> Georges-Elia Sarfati
Directeur de l’Efrate (École française d’analyse et de thérapie existentielle), traducteur de Viktor Frankl, chargé d’enseignement à la Sigmund Freud University et à la Faculté de médecine de Paris, il a publié un Manuel d’analyse existentielle et de logothérapie (Dunod, 2018).
Tout d’abord, pouvez-vous rappeler qui était Viktor Frankl ?
Un psychiatre viennois et un philosophe, fondateur de l’analyse existentielle et de la logothérapie. Il est le représentant de ce qu’on a appelé la troisième école viennoise de psychothérapie, après la psychanalyse historique fondée par Sigmund Freud et la psychologie individuelle d’Alfred Adler. Frankl fut le disciple de l’un et de l’autre avant de développer sa propre conception de la souffrance et du soin à partir de la fin des années 1920, et d’exercer dans sa propre clinique.

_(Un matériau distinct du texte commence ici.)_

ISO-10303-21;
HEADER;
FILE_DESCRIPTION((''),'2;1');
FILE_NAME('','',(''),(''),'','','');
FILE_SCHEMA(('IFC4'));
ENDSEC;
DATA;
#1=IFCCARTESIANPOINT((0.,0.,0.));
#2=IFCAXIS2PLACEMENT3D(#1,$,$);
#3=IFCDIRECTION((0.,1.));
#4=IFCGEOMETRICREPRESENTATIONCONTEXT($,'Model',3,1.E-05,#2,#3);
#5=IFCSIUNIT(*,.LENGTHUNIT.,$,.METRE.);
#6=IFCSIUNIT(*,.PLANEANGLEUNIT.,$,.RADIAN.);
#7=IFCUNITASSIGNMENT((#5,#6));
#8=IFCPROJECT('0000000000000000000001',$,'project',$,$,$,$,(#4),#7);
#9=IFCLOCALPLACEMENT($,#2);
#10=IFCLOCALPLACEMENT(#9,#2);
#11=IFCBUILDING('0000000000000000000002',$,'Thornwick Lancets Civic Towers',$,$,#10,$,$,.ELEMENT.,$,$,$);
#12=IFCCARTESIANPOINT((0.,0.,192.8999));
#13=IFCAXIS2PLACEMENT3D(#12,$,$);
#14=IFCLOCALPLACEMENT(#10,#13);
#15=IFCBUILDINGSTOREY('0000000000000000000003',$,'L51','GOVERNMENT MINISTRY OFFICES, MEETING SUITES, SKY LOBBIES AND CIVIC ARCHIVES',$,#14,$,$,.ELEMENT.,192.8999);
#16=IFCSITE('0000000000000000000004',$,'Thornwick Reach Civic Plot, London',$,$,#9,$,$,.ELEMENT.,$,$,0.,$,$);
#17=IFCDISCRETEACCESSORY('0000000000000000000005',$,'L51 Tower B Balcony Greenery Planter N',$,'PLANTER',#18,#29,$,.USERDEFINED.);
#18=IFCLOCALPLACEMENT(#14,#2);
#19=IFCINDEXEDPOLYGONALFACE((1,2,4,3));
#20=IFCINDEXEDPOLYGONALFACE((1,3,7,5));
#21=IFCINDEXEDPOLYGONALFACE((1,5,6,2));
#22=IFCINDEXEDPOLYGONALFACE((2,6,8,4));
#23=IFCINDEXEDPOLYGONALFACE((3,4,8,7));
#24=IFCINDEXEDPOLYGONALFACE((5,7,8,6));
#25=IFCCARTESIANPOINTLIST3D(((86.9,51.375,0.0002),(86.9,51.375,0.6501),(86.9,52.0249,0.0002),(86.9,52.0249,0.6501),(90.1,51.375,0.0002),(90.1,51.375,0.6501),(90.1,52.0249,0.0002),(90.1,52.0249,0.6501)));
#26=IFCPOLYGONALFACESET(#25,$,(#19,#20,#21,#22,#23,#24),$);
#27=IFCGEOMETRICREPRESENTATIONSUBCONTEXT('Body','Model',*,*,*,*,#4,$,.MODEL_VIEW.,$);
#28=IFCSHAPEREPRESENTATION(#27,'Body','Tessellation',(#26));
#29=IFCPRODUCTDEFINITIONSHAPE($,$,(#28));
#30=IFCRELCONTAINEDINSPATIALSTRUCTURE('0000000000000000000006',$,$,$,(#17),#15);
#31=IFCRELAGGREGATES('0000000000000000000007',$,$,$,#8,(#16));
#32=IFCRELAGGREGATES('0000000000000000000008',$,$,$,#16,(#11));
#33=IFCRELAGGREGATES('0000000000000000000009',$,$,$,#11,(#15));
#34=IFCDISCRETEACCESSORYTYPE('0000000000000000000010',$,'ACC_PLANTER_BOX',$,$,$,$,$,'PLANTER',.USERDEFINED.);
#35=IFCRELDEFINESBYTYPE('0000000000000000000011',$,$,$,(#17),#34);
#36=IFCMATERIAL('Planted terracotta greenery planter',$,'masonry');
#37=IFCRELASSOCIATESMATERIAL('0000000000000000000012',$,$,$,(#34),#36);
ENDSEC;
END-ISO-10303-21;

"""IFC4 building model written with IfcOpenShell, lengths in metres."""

from ifc_helpers import new_model, si_unit, direction, frame, origin, origin_2d, place, context, subcontext, project, spatial, rectangle, extrude, material, type_object, element, save


model = new_model("IFC4")

# Units and contexts
model_context = context("Model", 3, precision=1e-05, world=origin(), true_north=direction((0.0, 1.0)))
body_context = subcontext(model_context, "Body", "Model", "MODEL_VIEW")
ifc_project = project(units=[si_unit("LENGTHUNIT", "METRE"), si_unit("PLANEANGLEUNIT", "RADIAN")], contexts=[model_context])

# Site, building, storey
site_placement = place(None, origin())
site = spatial("IfcSite", under=ifc_project, at=site_placement, Name="Thornwick Reach Civic Plot, London", CompositionType="ELEMENT", RefElevation=0.0)
building_placement = place(site_placement, origin())
building = spatial("IfcBuilding", under=site, at=building_placement, Name="Thornwick Lancets Civic Towers", CompositionType="ELEMENT")
storey_placement = place(building_placement, frame((0.0, 0.0, 192.8999)))
storey = spatial("IfcBuildingStorey", under=building, at=storey_placement, Name="L51", Description="GOVERNMENT MINISTRY OFFICES, MEETING SUITES, SKY LOBBIES AND CIVIC ARCHIVES", CompositionType="ELEMENT", Elevation=192.8999)

# Discrete accessory
ifc_material_1 = material(Name="Planted terracotta greenery planter", Category="masonry")
discrete_accessory_type = type_object("IfcDiscreteAccessoryType", Name="ACC_PLANTER_BOX", ElementType="PLANTER", PredefinedType="USERDEFINED", material=ifc_material_1)
discrete_accessory_placement = place(storey_placement, frame((88.5, 51.7, 0.0002), z_axis=(0.0, 0.0, 1.0), x_axis=(1.0, 0.0, 0.0)))
element("IfcDiscreteAccessory", 1, at=discrete_accessory_placement, inside=storey, type_object=discrete_accessory_type, Name="L51 Tower B Balcony Greenery Planter N", ObjectType="PLANTER", PredefinedType="USERDEFINED", context=body_context, shape_type="SweptSolid", body=[
    extrude(rectangle(XDim=3.2, YDim=0.6499, at=origin_2d()), origin(), (0.0, 0.0, 1.0), 0.6499),
])

save(model, "model.ifc")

À Auschwitz-Birkenau, il mit en place des sessions très discrètes de psychothérapie pour soutenir ses camarades de déportation. Cette situation extrême corrobora ses perspectives déjà bien étayées depuis une dizaine d’années.
Il a relaté cette expérience dans Un psychiatre déporté témoigne, dont le titre français, Découvrir un sens à sa vie avec la logothérapie, est très accrocheur mais ne rend malheureusement pas compte de la gravité du contexte.
Qu’est-ce qui l’a amené à s’intéresser si tôt au sens de la vie ?
Il s’en explique dans son autobiographie, Ce qui ne figure pas dans mes livres : il raconte que la plupart des enfants et adolescents se posent la question du sens de la vie de manière éphémère, mais qu’elle était demeurée fondamentale pour lui, d’où son intérêt pour la médecine et la psychanalyse naissante. Tenir ferme sur cette conviction de jeunesse lui a permis de se situer par rapport à Freud et Adler. Pour Freud, l’être humain est mû par le principe de plaisir, et pour Adler, par le principe de puissance. Frankl considérait que ce ne sont que des expressions extrêmes de la recherche du sens, qui se caractérise avant tout par l’affirmation de valeurs authentiques, des « orientations de sens ». C’est une perspective plus philosophique, qui a renouvelé la médecine et la psychiatrie et a fait de Frankl un des grands pionniers de la relation d’aide.
Les TCCs de 3e génération, comme la thérapie ACT, placent la définition des valeurs personnelles au centre de la thérapie. Est-ce inspiré de Frankl ?
Entièrement ! Frankl est l’un des précurseurs des TCCs, mais a aussi inspiré les travaux de l’école de Palo Alto : par exemple, il a été le premier à théoriser les usages thérapeutiques du paradoxe. Il reste injustement méconnu en France, mais les choses sont en train de changer, grâce à ses traductions et au remaniement du milieu psy. Des perspectives inspirées par le questionnement philosophique et la recherche du sens sont en train de se frayer une place d’autant plus légitime que la souffrance de la plupart de nos contemporains n’est pas due à une pathologie structurée, mais à ce que Lacan appelait le mal-être.